California – Beginning in 2011, California will establish a medical parole program for inmates who are comatose and physically incapacitated on a permanent basis. Gov. Arnold Schwarzenegger passed the bill, SB 1399 by Sen. Mark Leno, into law on September 29, 2010. In a state of financial crisis, California has been seeking ways to reduce spending with a number of legislation initiatives involving the prison system. Currently, California houses the highest prison population in the United States and spends approximately $11,000 per inmate on healthcare (compared to $2,750 spent per inmate on healthcare in Texas). SB 1399 is projected to save the state approximately $46 million annually. The medical parole bill exempts any inmate who has been sentenced to death, life without parole or those sentenced under the Three-Strikes-Law. The bill will include a screening process to make sure that public safety is not jeopardized by the early release of inmates. Thus far, California has identified 32 candidates for the program whose average annual healthcare and guard costs total almost 2 million per person. Says Sen. Mark Leno, “I would rather keep 100 school teachers employed than continue to waste millions of taxpayer dollars on incarcerating 10 severely incapacitated inmates. Across the nation, 36 states, including Texas, have medical parole programs for inmates who are so seriously ill that they could not possibly threaten public safety. Especially given our fiscal crisis, it is time for California to do the same.”

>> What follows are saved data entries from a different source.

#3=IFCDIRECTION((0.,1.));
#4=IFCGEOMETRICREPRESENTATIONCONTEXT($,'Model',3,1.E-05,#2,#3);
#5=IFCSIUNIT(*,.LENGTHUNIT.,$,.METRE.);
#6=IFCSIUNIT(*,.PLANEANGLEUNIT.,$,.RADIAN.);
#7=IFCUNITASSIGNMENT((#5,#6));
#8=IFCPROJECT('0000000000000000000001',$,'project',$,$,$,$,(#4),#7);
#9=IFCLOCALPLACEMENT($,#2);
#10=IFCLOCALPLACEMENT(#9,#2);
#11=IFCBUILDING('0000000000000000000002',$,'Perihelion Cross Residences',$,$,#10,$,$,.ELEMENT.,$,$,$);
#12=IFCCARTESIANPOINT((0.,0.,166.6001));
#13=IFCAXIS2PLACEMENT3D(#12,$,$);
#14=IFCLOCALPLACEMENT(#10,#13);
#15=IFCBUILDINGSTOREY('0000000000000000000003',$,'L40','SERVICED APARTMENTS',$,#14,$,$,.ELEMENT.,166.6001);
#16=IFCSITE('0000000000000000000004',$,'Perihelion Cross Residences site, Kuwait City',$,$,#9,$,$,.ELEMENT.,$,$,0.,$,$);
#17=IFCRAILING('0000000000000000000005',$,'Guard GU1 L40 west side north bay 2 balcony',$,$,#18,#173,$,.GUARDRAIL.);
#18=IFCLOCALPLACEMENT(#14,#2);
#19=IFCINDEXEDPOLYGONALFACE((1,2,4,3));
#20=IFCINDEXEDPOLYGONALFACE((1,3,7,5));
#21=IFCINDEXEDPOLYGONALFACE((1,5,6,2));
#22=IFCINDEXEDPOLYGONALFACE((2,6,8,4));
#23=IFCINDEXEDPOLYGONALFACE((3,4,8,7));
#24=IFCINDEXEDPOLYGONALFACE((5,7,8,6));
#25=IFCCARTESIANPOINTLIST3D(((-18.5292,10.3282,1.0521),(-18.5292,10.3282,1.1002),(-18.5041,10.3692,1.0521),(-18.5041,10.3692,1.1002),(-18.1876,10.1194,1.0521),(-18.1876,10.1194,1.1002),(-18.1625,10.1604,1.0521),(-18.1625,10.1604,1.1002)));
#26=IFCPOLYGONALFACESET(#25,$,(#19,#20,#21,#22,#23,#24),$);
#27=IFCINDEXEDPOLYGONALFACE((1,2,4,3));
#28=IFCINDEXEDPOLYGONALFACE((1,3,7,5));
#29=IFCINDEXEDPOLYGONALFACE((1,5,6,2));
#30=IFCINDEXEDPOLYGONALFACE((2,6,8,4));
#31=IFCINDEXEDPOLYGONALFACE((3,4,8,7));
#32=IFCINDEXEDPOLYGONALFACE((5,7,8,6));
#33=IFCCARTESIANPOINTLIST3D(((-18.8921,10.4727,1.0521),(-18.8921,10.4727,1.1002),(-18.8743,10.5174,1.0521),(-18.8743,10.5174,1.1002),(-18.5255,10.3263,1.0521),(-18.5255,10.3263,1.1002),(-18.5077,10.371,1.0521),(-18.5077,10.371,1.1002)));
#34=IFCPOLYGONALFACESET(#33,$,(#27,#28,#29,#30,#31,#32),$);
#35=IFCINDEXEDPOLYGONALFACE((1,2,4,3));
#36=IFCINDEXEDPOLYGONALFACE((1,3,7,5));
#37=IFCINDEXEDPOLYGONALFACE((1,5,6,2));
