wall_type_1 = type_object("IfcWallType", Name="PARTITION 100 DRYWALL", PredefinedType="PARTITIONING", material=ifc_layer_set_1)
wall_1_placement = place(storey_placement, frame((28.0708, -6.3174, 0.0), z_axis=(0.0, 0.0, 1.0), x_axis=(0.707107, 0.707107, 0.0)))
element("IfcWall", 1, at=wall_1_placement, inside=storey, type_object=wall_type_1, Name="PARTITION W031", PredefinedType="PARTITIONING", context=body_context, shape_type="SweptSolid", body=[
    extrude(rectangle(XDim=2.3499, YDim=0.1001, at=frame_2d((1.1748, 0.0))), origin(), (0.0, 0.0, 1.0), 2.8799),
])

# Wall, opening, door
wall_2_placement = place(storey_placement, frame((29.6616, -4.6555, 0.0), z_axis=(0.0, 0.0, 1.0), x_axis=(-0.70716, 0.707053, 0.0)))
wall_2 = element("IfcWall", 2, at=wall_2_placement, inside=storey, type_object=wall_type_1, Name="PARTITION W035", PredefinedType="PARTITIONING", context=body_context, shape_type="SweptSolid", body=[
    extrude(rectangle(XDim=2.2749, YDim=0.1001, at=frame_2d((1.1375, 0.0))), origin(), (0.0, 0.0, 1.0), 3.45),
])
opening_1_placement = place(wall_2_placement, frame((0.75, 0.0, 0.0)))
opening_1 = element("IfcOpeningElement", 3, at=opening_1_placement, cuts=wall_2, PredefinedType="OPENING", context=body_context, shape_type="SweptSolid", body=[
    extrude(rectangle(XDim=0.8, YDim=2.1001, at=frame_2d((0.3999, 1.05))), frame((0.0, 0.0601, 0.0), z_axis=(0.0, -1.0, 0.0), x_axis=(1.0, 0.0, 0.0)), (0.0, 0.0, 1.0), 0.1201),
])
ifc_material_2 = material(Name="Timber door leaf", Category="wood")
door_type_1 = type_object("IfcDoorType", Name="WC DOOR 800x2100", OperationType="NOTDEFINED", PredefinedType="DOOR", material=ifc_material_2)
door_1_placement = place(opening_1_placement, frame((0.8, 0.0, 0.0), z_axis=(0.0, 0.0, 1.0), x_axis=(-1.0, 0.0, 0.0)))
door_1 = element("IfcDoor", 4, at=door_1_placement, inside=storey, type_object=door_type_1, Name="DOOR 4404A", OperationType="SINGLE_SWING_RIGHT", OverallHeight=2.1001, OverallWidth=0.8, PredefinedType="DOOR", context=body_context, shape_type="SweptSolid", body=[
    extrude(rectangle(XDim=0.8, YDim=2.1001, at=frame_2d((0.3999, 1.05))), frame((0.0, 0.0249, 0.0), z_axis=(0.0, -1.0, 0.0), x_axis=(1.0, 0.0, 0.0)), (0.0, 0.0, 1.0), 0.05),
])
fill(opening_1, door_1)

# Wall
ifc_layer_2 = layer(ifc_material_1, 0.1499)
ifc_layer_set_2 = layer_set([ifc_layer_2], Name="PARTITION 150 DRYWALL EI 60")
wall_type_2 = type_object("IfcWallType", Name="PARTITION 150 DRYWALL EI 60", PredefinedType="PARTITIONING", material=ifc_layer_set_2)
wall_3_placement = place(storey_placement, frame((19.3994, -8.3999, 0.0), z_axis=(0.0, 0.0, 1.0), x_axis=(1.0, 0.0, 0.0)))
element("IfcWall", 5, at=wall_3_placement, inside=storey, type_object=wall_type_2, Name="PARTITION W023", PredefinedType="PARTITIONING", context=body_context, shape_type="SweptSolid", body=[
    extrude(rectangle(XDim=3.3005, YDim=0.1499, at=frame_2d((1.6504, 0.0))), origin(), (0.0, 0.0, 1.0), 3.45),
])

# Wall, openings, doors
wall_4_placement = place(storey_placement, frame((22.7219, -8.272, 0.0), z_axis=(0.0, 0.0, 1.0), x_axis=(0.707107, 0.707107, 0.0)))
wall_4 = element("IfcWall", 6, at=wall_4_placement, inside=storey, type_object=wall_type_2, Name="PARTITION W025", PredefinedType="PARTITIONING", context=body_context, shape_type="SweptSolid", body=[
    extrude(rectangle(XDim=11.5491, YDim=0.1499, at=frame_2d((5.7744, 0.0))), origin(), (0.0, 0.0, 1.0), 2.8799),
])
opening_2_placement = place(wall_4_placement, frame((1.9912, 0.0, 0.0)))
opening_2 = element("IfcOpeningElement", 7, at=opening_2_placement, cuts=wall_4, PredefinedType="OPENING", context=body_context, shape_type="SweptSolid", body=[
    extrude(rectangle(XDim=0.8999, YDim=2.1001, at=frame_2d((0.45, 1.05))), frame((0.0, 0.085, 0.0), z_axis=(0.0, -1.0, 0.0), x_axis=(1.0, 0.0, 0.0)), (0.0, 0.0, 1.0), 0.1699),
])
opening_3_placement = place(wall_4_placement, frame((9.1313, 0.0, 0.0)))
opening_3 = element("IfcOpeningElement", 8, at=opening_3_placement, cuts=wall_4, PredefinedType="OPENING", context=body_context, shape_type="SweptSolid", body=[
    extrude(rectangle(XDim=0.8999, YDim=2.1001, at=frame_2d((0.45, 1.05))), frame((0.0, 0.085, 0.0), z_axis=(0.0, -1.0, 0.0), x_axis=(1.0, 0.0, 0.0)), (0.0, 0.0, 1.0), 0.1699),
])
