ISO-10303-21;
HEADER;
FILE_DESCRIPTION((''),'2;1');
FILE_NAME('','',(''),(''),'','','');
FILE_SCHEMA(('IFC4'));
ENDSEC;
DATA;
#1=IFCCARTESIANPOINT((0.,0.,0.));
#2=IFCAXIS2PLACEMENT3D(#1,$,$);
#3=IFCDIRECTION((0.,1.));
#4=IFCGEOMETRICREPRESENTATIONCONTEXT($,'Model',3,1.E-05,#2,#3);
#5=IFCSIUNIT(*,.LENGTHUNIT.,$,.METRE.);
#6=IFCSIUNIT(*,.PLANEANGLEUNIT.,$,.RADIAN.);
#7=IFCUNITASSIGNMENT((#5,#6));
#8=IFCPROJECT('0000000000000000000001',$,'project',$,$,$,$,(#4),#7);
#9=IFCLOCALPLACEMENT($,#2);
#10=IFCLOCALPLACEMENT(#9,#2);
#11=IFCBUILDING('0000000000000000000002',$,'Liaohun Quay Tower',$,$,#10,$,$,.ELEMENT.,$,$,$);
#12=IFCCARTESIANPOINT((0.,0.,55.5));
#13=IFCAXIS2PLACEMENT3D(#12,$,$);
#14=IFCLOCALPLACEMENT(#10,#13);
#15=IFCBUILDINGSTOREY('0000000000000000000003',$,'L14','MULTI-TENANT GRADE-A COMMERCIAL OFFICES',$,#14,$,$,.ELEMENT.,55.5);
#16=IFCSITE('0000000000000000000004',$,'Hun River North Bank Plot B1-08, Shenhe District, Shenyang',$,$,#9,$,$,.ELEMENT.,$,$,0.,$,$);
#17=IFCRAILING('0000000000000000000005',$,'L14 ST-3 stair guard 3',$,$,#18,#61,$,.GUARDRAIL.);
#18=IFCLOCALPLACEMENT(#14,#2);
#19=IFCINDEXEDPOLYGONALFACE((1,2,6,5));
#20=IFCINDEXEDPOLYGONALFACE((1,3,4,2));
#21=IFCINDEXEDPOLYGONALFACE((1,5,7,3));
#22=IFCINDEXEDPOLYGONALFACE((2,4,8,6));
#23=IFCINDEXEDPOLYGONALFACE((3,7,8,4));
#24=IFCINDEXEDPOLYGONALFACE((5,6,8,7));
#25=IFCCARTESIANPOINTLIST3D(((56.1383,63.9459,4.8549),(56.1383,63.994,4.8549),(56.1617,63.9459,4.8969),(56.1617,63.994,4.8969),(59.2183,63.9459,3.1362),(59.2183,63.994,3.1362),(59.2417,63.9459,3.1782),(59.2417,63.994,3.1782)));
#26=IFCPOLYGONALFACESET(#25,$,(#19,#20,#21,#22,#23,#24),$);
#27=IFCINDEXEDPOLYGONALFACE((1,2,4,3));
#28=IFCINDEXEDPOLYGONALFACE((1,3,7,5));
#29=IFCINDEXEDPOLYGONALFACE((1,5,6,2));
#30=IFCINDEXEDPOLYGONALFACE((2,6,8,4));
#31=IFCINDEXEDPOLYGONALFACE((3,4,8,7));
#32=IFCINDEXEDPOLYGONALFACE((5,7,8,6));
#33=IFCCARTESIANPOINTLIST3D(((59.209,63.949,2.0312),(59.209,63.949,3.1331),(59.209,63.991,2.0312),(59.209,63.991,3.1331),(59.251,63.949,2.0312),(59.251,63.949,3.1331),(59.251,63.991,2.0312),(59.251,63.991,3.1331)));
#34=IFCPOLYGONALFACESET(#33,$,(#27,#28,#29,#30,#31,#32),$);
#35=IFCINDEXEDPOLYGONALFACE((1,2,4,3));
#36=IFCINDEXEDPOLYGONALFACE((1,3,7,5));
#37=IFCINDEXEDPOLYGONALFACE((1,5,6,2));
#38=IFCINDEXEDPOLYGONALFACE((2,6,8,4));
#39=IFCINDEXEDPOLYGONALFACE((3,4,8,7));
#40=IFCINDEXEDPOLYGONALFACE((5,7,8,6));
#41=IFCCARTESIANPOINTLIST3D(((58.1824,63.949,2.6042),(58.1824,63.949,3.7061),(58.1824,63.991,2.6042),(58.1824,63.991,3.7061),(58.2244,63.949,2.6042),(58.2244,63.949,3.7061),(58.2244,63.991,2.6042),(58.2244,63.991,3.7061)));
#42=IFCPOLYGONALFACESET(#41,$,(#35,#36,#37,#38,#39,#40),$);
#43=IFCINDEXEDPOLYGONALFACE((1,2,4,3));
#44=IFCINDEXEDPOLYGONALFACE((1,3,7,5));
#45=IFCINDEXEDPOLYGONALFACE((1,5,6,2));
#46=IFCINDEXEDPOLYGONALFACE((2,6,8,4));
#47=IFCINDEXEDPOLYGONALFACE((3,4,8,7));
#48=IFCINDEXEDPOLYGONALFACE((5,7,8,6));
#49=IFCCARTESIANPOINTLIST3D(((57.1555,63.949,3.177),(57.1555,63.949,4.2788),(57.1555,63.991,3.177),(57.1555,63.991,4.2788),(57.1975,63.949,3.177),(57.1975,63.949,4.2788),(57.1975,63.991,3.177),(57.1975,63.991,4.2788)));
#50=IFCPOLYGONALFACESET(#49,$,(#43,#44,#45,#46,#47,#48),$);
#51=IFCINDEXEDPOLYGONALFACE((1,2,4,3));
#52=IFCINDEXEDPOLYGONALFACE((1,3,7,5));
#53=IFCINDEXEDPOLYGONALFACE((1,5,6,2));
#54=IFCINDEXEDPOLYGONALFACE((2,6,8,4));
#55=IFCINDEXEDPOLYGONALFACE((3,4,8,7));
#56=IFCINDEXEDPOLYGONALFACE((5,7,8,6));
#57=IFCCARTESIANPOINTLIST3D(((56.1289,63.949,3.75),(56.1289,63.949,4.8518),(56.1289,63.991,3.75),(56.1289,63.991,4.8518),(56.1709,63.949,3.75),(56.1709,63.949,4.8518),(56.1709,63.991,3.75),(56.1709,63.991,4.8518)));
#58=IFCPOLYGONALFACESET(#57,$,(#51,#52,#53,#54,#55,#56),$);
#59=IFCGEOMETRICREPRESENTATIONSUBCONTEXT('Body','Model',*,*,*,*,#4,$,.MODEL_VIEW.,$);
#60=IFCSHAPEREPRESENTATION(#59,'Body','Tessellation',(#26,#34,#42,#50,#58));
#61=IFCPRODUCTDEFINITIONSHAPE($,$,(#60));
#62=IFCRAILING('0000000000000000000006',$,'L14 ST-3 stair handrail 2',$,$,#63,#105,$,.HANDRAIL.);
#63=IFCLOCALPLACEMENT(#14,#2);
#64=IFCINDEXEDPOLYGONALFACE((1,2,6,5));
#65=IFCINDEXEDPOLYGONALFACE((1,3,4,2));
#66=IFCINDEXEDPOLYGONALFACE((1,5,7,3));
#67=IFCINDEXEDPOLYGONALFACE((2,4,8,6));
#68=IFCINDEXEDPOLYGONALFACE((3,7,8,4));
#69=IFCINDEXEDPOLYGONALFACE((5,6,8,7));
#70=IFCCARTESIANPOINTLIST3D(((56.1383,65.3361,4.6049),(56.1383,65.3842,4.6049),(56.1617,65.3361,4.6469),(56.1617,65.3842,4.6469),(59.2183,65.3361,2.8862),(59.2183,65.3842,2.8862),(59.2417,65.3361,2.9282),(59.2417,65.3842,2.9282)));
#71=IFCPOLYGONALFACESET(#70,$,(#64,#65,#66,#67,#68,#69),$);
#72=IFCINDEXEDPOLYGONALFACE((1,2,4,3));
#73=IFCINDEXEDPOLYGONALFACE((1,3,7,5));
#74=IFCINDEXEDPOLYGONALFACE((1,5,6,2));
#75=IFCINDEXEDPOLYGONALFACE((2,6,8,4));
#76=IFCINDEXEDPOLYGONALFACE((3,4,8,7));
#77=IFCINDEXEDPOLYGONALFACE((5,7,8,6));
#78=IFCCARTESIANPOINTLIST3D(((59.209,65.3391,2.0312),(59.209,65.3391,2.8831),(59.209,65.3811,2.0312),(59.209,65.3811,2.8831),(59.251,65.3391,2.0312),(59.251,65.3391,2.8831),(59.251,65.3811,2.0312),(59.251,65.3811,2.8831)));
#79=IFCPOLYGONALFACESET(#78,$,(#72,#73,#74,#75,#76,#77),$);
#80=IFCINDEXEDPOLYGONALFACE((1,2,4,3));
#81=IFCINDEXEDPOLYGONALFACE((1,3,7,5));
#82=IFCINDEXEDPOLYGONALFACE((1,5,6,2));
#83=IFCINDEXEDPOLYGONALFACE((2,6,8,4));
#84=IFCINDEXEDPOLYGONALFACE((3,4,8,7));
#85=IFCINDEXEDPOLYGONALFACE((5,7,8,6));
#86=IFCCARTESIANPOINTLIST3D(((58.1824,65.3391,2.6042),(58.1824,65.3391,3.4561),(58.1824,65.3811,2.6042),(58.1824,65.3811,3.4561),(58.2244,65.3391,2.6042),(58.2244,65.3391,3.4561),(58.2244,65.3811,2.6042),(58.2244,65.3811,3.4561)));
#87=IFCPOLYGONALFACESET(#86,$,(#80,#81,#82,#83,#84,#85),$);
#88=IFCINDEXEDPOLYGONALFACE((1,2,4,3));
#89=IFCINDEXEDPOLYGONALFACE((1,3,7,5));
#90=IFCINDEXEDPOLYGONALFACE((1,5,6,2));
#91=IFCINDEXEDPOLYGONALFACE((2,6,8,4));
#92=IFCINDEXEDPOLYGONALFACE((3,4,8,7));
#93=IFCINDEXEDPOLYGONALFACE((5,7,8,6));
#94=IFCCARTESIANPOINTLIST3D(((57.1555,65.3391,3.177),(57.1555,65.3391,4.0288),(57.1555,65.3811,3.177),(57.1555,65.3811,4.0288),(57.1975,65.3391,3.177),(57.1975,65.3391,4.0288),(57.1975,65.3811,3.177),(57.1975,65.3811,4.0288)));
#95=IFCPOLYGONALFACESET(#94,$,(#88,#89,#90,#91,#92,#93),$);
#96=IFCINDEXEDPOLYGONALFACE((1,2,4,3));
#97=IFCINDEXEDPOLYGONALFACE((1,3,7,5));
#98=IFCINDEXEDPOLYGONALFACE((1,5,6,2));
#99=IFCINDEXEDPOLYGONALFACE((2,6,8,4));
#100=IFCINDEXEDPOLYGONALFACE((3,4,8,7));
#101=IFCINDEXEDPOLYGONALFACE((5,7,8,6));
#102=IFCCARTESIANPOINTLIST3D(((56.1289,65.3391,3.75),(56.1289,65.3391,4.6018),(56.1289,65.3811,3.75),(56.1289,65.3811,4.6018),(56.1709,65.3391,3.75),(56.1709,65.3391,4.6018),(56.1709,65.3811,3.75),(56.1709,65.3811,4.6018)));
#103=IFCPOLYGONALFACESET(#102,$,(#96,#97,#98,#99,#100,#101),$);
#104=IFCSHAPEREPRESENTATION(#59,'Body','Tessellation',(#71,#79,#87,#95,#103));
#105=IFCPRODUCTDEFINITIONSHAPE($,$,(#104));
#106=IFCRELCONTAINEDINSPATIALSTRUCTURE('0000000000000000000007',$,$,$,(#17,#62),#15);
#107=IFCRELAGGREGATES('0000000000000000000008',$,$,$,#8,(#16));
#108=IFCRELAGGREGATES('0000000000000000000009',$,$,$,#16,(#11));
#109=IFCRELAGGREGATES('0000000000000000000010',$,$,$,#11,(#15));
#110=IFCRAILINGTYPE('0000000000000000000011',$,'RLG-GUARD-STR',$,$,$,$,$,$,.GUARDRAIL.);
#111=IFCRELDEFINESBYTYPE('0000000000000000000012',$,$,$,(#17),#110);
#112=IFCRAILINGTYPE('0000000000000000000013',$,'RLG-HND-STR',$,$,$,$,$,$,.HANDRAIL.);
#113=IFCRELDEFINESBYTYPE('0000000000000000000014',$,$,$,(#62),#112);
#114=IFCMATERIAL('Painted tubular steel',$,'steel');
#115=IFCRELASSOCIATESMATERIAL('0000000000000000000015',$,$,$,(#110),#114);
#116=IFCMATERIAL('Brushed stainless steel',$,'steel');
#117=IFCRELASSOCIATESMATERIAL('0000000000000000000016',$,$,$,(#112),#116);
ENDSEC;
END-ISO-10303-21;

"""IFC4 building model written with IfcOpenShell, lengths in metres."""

from ifc_helpers import new_model, si_unit, direction, frame, origin, origin_2d, place, context, subcontext, project, spatial, rectangle, extrude, material, type_object, element, save


model = new_model("IFC4")

# Units and contexts
model_context = context("Model", 3, precision=1e-05, world=origin(), true_north=direction((0.0, 1.0)))
body_context = subcontext(model_context, "Body", "Model", "MODEL_VIEW")
ifc_project = project(units=[si_unit("LENGTHUNIT", "METRE"), si_unit("PLANEANGLEUNIT", "RADIAN")], contexts=[model_context])

# Site, building, storey
site_placement = place(None, origin())
site = spatial("IfcSite", under=ifc_project, at=site_placement, Name="Hun River North Bank Plot B1-08, Shenhe District, Shenyang", CompositionType="ELEMENT", RefElevation=0.0)
building_placement = place(site_placement, origin())
building = spatial("IfcBuilding", under=site, at=building_placement, Name="Liaohun Quay Tower", CompositionType="ELEMENT")
storey_placement = place(building_placement, frame((0.0, 0.0, 55.5)))
storey = spatial("IfcBuildingStorey", under=building, at=storey_placement, Name="L14", Description="MULTI-TENANT GRADE-A COMMERCIAL OFFICES", CompositionType="ELEMENT", Elevation=55.5)

# Railings
ifc_material_1 = material(Name="Painted tubular steel", Category="steel")
railing_type_1 = type_object("IfcRailingType", Name="RLG-GUARD-STR", PredefinedType="GUARDRAIL", material=ifc_material_1)
railing_1_placement = place(storey_placement, frame((59.23, 63.97, 2.0312)))
element("IfcRailing", 1, at=railing_1_placement, inside=storey, type_object=railing_type_1, Name="L14 ST-3 stair guard 3", PredefinedType="GUARDRAIL", context=body_context, shape_type="SweptSolid", body=[
    extrude(rectangle(XDim=0.0481, YDim=0.0481, at=origin_2d()), frame((0.0, 0.0, 1.126), z_axis=(-0.873242, 0.0, 0.487288), x_axis=(0.0, -1.0, 0.0)), (0.0, 0.0, 1.0), 3.5271),
    extrude(rectangle(XDim=0.042, YDim=0.042, at=origin_2d()), origin(), (0.0, 0.0, 1.0), 1.1018),
    extrude(rectangle(XDim=0.042, YDim=0.042, at=origin_2d()), frame((-1.0266, 0.0, 0.573)), (0.0, 0.0, 1.0), 1.1018),
    extrude(rectangle(XDim=0.042, YDim=0.042, at=origin_2d()), frame((-2.0535, 0.0, 1.1458)), (0.0, 0.0, 1.0), 1.1018),
    extrude(rectangle(XDim=0.042, YDim=0.042, at=origin_2d()), frame((-3.0801, 0.0, 1.7188)), (0.0, 0.0, 1.0), 1.1018),
])
ifc_material_2 = material(Name="Brushed stainless steel", Category="steel")
railing_type_2 = type_object("IfcRailingType", Name="RLG-HND-STR", PredefinedType="HANDRAIL", material=ifc_material_2)
railing_2_placement = place(storey_placement, frame((59.23, 65.3601, 2.0312)))
element("IfcRailing", 2, at=railing_2_placement, inside=storey, type_object=railing_type_2, Name="L14 ST-3 stair handrail 2", PredefinedType="HANDRAIL", context=body_context, shape_type="SweptSolid", body=[
    extrude(rectangle(XDim=0.0481, YDim=0.0481, at=origin_2d()), frame((0.0, 0.0, 0.876), z_axis=(-0.873242, 0.0, 0.487288), x_axis=(0.0, -1.0, 0.0)), (0.0, 0.0, 1.0), 3.5271),
    extrude(rectangle(XDim=0.042, YDim=0.042, at=origin_2d()), origin(), (0.0, 0.0, 1.0), 0.8518),
    extrude(rectangle(XDim=0.042, YDim=0.042, at=origin_2d()), frame((-1.0266, 0.0, 0.573)), (0.0, 0.0, 1.0), 0.8518),
    extrude(rectangle(XDim=0.042, YDim=0.042, at=origin_2d()), frame((-2.0535, 0.0, 1.1458)), (0.0, 0.0, 1.0), 0.8518),
    extrude(rectangle(XDim=0.042, YDim=0.042, at=origin_2d()), frame((-3.0801, 0.0, 1.7188)), (0.0, 0.0, 1.0), 0.8518),
])

save(model, "model.ifc")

Supreme Court to Review California Prison Ruling

November 29th, 2010 | Written by Bail Bonds Blog

California – The California prison system will take center stage on Tuesday, November 30, in front of the U.S. Supreme Court in a case known as Schwarzenegger vs. Plata. Under review: A California federal district court ruling in January mandating that the state cut the California prison population by approximately 40,000 and cap the inmate population at 137.5% of capacity within two years. The January ruling was prompted by the conclusion that overcrowding in the state’s prison system (the largest population in the nation) is the main cause of poor medical and mental health care that violates prisoner’s Eighth Amendment right to be free from cruel and unusual punishment. Beyond capacity for two decades, the California prison system currently holds 164,000 inmates in a system designed to house approximately 80,000. However, California officials argue that the January ruling by the three-judge panel overstepped boundaries and that the judges did not have the authority to issue the release order. The Supreme Court will determine if the judges correctly applied the relevant 1996 federal Prison Litigation Reform Act, which governs how federal courts can be involved in the management of state prisons. The Supreme Court will not be responsible for judging if the ruling was necessary or if overcrowding is the primary contributor to substandard health care.